How to compile/execute exploit code
I am not going to go into too much detail here for obvious reasons but it is important to understand what exploits are and how they are (generally) used. OK, let's say that a hacker finds out that a particular function call made in some script that doesn't do any input bounds checking allows commands to be run on the server running the application or he finds a buffer overflow vulnerability in some software that might allow commands to be run with system privileges or maybe just crash the system. This hacker might write some code to aid him in the task of exploiting these vulnerabilities. The script/program written to help exploit the vulnerability is called...you got it, an exploit. Generally hackers will release these exploits as proof of concept tools...just to prove it can be done and that they figured out how. There are bugtraq lists on the net that list known vulnerabilities and the associated exploits on just about anything you can think of. Now for simplicities sake I am going to only illustrate a few exploits and how to compile and use them. One of the first things to consider when using exploits is you want to make sure you are running the correct exploit for the target you are trying to crack. If you are trying to crack an Apache web server then an IIS exploit wont do you much good will it ;) Grab some banners and do some research for version numbers etc so you can be more surgical.
The first exploit I am going to discuss here is the IIShack by ryan@eEye.com. What it does and how it works is discussed in the source. You can get the source here
. Most exploits are either coded in C or Perl. We will discuss C for now. Now depending on the h4x0r who discovered the vulnerability and coded the exploit you could run across code developed under Linux or Win etc..so it's good to have a variety of C compilers at your disposal. If you are running the average Windows NT box you should get Microsofts C/C++ compiler also get Borland's C/C++ compiler. Now, you can install Cygwin and get a Linux bash shell and gcc to compile C code developed on a UNIX/Linux platform. This particular code was compiled using Borland's command line compiler v5 on a Win32 box.

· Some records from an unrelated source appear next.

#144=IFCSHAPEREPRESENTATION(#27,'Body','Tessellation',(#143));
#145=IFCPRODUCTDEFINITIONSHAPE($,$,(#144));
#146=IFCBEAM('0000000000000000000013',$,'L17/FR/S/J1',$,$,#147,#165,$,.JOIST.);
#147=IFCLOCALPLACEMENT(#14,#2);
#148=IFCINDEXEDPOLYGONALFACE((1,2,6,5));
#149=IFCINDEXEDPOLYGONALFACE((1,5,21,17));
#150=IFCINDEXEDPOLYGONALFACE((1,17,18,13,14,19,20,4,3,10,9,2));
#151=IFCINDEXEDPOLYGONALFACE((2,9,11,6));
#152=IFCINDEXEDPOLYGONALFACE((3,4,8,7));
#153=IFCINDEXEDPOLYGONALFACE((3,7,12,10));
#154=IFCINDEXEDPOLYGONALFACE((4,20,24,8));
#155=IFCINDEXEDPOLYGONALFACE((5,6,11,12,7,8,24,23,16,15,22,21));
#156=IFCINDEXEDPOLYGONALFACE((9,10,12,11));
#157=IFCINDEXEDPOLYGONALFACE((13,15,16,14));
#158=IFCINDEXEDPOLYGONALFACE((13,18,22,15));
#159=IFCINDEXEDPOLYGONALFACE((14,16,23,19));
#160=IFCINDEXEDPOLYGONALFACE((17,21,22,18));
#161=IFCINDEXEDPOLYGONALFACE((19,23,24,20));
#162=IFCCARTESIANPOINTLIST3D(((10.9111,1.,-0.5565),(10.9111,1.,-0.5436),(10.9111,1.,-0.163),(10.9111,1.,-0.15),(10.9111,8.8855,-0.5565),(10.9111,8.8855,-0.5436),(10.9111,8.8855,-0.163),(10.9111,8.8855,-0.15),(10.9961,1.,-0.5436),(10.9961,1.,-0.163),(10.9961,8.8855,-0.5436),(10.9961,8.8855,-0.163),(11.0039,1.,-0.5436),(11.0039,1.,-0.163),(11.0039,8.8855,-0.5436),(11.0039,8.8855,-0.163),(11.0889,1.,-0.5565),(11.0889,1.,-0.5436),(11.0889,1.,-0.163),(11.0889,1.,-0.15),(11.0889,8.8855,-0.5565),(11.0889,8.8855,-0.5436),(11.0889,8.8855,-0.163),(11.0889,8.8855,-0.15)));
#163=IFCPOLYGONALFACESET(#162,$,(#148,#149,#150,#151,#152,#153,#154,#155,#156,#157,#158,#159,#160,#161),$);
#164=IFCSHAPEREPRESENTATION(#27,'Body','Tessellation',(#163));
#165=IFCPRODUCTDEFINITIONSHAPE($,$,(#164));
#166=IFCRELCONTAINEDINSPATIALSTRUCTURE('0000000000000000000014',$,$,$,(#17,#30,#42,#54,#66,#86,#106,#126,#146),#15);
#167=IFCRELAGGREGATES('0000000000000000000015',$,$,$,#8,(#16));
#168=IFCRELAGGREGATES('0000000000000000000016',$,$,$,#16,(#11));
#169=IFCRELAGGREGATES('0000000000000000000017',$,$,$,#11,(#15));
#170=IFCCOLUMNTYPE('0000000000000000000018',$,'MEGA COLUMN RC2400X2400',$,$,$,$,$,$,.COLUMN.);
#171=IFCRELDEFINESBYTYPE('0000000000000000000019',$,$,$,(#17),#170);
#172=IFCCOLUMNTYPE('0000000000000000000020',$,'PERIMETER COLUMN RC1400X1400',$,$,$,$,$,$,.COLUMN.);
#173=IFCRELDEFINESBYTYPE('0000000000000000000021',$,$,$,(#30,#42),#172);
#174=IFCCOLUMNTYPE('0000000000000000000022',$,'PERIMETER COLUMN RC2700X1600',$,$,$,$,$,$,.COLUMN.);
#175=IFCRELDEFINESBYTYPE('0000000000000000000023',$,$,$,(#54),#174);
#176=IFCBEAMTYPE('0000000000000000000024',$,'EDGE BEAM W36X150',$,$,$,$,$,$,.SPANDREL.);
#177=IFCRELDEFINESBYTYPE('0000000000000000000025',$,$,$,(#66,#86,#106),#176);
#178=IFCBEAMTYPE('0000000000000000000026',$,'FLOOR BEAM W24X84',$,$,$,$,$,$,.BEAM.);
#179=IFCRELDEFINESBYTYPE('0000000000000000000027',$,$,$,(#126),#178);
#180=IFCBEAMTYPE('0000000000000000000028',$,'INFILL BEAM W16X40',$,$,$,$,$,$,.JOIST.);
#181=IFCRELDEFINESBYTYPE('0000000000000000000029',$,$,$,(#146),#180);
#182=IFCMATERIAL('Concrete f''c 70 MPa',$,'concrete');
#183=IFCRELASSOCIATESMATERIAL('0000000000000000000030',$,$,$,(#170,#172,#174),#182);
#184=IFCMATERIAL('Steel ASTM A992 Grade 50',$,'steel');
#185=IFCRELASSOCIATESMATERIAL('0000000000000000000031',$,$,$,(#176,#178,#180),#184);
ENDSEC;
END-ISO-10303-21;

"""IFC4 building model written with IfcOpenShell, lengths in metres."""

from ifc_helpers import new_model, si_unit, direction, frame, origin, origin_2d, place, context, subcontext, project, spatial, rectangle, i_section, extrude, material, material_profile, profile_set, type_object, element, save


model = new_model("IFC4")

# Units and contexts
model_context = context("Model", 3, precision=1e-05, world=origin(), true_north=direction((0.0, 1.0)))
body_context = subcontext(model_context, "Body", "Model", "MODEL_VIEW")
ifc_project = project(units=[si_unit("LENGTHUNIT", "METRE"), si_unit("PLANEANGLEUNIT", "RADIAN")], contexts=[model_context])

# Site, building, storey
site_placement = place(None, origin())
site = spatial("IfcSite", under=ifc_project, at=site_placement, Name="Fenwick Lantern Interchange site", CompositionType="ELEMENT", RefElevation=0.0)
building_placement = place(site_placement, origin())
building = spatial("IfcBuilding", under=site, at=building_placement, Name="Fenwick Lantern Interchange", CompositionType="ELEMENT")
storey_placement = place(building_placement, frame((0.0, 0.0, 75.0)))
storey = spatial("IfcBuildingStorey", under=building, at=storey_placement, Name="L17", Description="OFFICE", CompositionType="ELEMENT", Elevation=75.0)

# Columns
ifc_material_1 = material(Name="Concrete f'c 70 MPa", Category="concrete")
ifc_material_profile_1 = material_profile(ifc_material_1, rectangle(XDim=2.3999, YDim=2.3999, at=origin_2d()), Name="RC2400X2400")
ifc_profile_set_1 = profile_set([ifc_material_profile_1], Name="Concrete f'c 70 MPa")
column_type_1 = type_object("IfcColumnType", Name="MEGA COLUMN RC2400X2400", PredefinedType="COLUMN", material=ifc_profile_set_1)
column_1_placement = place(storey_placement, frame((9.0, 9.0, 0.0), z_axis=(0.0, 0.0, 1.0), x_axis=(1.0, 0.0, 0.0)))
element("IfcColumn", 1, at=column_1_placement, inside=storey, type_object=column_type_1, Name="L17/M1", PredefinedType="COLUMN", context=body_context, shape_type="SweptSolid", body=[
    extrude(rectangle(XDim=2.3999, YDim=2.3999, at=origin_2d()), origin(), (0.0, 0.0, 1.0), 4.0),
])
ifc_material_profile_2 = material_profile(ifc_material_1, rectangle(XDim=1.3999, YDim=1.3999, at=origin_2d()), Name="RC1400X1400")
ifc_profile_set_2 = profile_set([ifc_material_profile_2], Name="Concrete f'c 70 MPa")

Now that you have your code and have compiled it you are ready to run the exploit. These are generally called from the command line like any DOS tool. If the coder was thoughtful it might have comments and a usage function to help others understand how it works. See below image of IIShack usage and at work...this server was patched so this wasn't too exciting.
If you are curious as to what an attack like this looks like in the web server logs you can click here
for an example. NOTE: If you want to mess around with running various exploits and learning how they work then you should set up a test box for that purpose. Also you might want to know that the shell code provided with the iisHack exploit simply writes a file on the servers C: drive...this is quite a calling card to a server admin. Here
is a version of IIShack that is based on jill by Dark Spyrit that does much more. Now some exploits are pretty straight forward and others can be a little more involved. In the case of jill by Dark Spyrit you will need to set up a netcat listener on your machine and feed your IP (or the IP of the machine running the listener) to the server via the exploit. The vulnerable server will shell out a command shell to your listener...from there you will control the server. For an example click here
Now at least I'll show you a couple more examples. First I will use a UNIX Perl script that crashes the serve U FTP daemon (DoS exploit). Windows users will need to install Cygwin with the associated Perl packages in order to run Perl script coded in UNIX Perl.
The results can be seen in the below image.
The next exploit will give the attacker full administrative privileges of the website forum program called DCboard. NOTE This exploit does NOT work on the newer versions of DCboard. The website below has been contacted about this vulnerability. This exploit also is coded in UNIX Perl and can be found here
In the below image you will see the word 'Administrator' circled in red for clarity. To see the Admin panel and what the attacker would be able to do to this website forum just click here
for screenshot. The avenues for attack here could be severe, from posting offensive material to mailing all the subscribers a letter informing them of this "free new banking software" or whatever...you see where I am heading with this.
This type of cracking is easier to pull off then one might think. Searching for easy targets is simple and quick using the search engines...for instance just go to Google and search for sites containing the term (or the file): dcboard.cgi. Remember, learn and have fun but don't be a jerk!